Extended perl's Marpa::R2 SLIF grammar writen in C

License

Notifications You must be signed in to change notification settings

jddurand/c-marpaESLIF

Repository files navigation

GitHub version License MIT AppVeyor CI build status Github Unix workflow build status Github Windows workflow build status
Donate to Marpa via patreon.comDonate to Marpa via patreon.com

NAME

marpaESLIF - Extended Marpa's Scanless Interface

DESCRIPTION

/*
 * Example of a calulator with ESLIF BNF:
 *
 * Automatic discard of whitespaces
 * Correct association for expressions
 * Embedded action using anonymous lua functions
 *
*/
:discard ::= /[\s]+/

exp ::=
    /[\d]+/
    |    "("  exp ")"    assoc => group action => ::copy[1]
   || exp (- '**' -) exp assoc => right action => ::luac->function(x,y) return x^y end
   || exp (-  '*' -) exp                action => ::luac->function(x,y) return x*y end
    | exp (-  '/' -) exp                action => ::luac->function(x,y) return x/y end
   || exp (-  '+' -) exp                action => ::luac->function(x,y) return x+y end
    | exp (-  '-' -) exp                action => ::luac->function(x,y) return x-y end

marpaESLIF is a Scanless Interface expressed in a BNF format. That is, it uses marpaWrapper, which itself is a thin interface on top of the libmarpa parser.

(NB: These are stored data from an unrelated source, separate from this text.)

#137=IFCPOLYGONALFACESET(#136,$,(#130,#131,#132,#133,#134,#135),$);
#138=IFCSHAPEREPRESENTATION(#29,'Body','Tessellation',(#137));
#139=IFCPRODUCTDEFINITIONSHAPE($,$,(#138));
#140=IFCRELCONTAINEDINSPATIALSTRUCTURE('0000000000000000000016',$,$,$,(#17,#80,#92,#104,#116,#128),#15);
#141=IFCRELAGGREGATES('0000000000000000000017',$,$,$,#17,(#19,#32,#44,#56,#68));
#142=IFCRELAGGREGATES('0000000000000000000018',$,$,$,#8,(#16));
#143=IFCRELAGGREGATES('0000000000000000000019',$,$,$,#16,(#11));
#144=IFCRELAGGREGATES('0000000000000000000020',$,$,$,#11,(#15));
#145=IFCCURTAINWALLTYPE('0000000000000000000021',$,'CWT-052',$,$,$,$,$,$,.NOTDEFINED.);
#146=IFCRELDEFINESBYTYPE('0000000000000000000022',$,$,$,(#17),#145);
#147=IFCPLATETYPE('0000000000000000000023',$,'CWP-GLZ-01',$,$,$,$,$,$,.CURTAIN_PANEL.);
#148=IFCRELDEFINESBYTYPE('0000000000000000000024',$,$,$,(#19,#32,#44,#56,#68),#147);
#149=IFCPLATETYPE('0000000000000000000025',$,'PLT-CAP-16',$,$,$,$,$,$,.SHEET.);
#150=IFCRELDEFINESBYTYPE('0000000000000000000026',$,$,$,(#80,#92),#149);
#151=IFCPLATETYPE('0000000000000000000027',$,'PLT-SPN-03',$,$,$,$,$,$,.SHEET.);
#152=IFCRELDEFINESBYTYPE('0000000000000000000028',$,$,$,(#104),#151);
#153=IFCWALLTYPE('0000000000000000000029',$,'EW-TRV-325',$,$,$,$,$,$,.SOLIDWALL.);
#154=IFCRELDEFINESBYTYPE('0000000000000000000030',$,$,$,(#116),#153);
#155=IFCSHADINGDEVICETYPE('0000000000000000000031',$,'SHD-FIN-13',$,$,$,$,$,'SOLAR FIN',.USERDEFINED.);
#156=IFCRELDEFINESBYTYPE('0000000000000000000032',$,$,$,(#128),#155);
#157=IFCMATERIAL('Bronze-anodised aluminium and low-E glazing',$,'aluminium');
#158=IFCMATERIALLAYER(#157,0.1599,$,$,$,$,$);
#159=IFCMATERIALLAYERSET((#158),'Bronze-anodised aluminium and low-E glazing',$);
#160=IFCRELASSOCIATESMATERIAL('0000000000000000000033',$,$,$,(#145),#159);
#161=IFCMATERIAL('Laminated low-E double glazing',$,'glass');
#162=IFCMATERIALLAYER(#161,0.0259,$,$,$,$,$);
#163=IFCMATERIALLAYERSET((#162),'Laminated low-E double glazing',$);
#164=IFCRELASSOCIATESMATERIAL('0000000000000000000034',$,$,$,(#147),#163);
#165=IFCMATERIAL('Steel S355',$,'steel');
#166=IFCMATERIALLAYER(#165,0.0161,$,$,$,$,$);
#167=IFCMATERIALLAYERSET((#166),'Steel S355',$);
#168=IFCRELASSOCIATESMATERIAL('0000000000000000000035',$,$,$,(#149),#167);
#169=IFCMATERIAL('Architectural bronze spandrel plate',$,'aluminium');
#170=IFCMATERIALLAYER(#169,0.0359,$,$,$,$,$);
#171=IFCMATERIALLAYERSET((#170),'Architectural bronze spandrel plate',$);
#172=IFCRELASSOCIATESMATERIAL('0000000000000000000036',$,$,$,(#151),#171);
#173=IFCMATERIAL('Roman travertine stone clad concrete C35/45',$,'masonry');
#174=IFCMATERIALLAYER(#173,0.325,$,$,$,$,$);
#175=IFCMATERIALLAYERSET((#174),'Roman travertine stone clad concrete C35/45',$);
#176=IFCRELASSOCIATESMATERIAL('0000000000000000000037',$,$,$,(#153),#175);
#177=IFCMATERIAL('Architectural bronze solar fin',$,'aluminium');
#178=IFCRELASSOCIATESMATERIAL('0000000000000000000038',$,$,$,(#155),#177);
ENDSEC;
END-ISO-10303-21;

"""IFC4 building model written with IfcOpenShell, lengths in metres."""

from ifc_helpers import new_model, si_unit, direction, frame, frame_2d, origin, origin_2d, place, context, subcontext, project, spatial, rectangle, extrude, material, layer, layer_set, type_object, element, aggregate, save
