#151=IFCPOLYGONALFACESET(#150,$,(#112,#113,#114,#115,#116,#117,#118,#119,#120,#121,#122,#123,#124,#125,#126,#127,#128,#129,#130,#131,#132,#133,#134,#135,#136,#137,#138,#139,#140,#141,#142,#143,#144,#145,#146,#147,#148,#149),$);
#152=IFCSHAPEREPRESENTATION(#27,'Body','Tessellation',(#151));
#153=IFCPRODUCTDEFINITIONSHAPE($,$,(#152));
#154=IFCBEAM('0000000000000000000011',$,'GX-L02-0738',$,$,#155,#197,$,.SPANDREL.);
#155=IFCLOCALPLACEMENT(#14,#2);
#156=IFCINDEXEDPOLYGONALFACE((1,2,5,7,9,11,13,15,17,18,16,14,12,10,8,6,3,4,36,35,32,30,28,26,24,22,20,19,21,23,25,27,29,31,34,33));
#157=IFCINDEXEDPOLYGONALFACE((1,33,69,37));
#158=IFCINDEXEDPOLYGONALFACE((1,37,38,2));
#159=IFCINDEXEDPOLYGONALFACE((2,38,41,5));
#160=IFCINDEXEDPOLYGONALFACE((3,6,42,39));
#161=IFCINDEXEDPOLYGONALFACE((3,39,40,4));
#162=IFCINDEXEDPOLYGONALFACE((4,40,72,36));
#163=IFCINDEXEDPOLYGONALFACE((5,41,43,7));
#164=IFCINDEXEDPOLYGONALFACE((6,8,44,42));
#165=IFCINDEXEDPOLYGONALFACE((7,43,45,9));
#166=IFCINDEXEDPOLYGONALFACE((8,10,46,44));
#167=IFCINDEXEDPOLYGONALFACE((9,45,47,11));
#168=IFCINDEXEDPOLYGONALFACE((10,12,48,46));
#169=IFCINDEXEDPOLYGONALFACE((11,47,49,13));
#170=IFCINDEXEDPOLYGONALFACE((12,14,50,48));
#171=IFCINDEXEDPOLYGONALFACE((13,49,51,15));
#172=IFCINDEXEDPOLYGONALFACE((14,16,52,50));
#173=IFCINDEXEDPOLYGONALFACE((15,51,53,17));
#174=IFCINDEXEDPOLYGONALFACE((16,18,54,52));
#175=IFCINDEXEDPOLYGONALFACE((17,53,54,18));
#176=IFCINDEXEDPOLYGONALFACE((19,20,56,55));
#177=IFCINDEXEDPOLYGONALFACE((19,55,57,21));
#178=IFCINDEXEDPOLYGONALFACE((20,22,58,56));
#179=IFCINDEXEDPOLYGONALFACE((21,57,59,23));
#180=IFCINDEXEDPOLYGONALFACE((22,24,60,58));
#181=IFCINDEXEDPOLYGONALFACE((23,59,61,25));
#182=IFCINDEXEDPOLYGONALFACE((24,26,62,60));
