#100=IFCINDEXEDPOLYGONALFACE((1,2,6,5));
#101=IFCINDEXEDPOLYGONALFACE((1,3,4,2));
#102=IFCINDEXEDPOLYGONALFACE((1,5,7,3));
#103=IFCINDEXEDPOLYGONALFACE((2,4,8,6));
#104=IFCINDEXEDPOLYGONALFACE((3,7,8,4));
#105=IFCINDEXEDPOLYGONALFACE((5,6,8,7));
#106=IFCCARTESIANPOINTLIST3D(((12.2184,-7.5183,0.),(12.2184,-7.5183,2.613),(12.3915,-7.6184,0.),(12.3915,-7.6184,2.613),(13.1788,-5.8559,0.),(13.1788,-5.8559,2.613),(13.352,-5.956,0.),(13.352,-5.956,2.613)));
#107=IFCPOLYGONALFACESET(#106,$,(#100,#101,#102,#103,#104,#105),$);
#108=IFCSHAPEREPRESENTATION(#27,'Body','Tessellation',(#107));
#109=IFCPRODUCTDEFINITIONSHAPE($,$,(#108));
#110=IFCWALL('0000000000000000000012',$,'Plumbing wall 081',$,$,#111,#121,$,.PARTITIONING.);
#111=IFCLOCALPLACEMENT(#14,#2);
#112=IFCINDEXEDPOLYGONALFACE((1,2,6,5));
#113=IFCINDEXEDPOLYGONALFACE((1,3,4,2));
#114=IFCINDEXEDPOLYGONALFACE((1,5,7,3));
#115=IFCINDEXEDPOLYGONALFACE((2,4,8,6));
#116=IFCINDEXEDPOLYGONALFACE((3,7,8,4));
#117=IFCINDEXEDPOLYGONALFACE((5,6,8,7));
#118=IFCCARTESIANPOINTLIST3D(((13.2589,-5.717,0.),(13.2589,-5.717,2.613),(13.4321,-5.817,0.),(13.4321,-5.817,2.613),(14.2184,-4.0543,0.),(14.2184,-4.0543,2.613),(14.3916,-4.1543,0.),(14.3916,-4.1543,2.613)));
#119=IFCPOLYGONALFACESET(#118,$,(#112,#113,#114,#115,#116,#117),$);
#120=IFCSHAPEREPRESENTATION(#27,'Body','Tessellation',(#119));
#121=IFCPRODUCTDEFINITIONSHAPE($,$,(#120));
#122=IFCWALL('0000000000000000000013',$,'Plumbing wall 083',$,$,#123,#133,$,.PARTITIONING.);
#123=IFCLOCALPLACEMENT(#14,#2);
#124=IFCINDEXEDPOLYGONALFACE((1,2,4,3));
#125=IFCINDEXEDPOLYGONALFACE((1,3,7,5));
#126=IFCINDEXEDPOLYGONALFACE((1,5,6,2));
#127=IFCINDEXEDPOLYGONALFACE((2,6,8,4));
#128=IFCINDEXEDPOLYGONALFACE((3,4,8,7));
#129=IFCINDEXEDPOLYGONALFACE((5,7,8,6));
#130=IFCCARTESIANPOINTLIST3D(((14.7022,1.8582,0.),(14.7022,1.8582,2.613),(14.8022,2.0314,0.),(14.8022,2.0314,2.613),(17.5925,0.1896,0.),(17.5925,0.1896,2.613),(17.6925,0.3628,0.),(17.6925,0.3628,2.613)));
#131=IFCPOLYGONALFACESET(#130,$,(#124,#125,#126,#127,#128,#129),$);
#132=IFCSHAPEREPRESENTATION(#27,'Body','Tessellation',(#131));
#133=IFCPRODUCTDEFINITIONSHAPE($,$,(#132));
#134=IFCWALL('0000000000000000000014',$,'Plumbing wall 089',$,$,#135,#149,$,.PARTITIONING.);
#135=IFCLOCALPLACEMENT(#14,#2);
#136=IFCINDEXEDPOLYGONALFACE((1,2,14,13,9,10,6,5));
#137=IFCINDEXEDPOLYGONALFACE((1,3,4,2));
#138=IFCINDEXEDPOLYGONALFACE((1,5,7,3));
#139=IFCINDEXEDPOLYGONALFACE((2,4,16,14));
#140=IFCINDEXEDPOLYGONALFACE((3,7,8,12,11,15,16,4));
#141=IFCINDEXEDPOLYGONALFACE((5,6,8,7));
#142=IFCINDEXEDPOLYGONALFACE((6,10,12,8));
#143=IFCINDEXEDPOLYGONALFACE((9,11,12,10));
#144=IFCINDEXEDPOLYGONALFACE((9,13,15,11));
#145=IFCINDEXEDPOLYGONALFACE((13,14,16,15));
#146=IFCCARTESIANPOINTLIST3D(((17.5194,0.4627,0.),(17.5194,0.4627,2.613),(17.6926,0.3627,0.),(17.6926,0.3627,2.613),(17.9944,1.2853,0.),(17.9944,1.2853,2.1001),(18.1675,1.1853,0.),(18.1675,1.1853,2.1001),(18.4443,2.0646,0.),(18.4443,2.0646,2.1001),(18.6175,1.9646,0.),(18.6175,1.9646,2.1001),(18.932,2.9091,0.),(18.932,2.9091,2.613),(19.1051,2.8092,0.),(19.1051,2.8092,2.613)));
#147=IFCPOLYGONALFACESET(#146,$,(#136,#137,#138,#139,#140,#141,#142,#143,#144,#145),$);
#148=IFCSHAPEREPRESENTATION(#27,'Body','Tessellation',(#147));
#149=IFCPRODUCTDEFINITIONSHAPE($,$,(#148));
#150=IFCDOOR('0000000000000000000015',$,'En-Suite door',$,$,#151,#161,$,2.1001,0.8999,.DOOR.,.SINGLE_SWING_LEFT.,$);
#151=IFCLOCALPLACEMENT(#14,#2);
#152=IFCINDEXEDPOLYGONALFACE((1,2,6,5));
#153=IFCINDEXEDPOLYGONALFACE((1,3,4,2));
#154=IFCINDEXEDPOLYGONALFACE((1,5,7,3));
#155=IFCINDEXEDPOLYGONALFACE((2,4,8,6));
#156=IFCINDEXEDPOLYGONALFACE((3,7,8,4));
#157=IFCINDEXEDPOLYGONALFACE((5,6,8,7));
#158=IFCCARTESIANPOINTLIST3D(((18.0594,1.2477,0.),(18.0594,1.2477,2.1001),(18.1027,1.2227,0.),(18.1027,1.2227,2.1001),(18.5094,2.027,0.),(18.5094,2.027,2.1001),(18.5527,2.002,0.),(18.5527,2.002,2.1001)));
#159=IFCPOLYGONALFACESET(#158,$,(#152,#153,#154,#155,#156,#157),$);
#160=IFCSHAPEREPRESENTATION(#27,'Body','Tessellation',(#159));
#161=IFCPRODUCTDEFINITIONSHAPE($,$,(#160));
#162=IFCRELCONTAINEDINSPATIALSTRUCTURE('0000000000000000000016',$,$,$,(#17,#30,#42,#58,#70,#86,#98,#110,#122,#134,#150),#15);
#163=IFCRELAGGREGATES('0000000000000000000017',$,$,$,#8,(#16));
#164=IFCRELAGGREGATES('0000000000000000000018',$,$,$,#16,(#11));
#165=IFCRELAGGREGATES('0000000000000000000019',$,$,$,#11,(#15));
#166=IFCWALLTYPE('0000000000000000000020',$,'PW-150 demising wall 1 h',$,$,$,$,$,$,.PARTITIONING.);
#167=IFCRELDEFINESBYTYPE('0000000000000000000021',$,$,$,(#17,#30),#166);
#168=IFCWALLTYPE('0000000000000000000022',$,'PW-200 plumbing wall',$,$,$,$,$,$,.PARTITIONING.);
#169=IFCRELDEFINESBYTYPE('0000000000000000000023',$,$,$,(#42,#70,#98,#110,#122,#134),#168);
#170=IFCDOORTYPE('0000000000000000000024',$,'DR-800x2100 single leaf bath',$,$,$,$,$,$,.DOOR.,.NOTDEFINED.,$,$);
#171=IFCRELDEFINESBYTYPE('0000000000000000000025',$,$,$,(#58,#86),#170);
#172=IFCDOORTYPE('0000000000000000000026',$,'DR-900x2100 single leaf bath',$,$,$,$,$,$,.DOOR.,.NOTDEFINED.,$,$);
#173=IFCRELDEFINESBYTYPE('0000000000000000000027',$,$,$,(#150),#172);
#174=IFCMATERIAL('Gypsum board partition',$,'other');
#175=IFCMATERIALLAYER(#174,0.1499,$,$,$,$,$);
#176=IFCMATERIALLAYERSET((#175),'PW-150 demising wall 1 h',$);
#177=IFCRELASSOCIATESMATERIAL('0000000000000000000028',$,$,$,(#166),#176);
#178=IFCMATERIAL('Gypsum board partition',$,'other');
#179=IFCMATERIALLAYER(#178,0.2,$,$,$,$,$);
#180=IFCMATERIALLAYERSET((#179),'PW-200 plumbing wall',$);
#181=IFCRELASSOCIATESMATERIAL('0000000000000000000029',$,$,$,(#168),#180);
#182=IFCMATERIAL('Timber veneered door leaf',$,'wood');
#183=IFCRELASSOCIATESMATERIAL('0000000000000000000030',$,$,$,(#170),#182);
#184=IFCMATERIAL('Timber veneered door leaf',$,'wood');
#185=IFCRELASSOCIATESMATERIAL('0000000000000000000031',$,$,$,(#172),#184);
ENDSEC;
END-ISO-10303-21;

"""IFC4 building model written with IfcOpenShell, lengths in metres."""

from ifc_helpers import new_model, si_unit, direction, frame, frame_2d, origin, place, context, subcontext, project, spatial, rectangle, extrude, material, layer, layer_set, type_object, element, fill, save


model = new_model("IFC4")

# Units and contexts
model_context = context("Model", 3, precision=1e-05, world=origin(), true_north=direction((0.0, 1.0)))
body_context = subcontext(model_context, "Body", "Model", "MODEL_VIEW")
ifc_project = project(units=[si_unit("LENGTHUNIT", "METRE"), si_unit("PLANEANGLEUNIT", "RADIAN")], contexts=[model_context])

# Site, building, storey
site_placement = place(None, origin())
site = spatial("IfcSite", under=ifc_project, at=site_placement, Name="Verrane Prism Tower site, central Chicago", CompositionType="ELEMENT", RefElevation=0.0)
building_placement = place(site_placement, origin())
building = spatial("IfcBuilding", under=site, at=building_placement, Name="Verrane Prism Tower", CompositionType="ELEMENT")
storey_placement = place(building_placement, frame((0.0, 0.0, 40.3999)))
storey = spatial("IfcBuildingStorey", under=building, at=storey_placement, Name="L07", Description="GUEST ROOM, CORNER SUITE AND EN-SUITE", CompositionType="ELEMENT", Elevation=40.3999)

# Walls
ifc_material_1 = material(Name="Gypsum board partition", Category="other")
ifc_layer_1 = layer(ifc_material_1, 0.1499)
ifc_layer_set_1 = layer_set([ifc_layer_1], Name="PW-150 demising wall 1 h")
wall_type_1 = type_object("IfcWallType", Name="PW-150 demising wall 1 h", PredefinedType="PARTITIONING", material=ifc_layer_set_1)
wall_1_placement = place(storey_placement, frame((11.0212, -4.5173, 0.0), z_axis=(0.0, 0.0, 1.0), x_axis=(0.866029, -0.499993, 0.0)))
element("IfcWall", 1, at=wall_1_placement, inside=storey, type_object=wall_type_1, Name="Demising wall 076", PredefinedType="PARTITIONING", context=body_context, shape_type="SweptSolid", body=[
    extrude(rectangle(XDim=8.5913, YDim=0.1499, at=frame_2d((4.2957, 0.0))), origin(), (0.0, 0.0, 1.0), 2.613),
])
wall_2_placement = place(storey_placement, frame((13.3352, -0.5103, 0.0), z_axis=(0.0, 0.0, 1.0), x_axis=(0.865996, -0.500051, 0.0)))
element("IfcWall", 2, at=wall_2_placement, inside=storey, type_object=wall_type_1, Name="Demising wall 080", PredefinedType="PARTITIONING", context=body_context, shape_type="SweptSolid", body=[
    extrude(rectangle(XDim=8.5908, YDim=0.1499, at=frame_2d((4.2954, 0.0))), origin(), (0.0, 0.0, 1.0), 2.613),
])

The marpaESLIF BNF is inspired by Marpa::R2's DSL, though with some incompatible changes and add-ons:

Native regular expression support, including regex callbacks into user-space and substitution
Syntactic exception
Unlimited number of sub-grammars
Streaming compatible architecture
Zero-length symbols
Embedded lua language into the grammar
Bindings to java, lua and perl languages
JSON (strict and extended) grammars for decoding/encoding
Declarative lua action directly into the grammar
Parameterized rules
Dynamic sub-grammars
Lookahead

The following sections present the architecture of marpaESLIF architecture, its features and things generally helpful to know.

ARCHITECTURE

Grammars

The ESLIF is nothing else but a sparse array of grammars, identified by an index called level and starting with value 0, or a description:

[------------------------------------------------------------------]
| Indice | Level 0 | N/A | Level 2 | Level 3 | N/A | Level 5 | ... |
| Name   | nameof0 | N/A | nameof2 | nameof3 | N/A | nameof5 | ... |
[------------------------------------------------------------------]

There must be a grammar at level index 0. Then any grammar can access any symbol of any other grammar:

[-------------------------------------------------------------------]
| Indice: | Level 0 | N/A | Level 2 | Level 3 | N/A | Level 5 | ... |
| Name  : | nameof0 | N/A | nameof2 | nameof3 | N/A | nameof5 | ... |
[-------------------------------------------------------------------]
| Symbol: | +>X             +>X       +>Xx                          |
| Symbol: | |  Y            |  Y      |  Yy                         |
| Symbol: | |  |            |  |      |  |             +>Zzz        |
| |  |            |  |      |  |             |   |        |         |
| |  |____________|  |______|  |_____________|   |        |         |
| |______________________________________________|        |         |
[-------------------------------------------------------------------]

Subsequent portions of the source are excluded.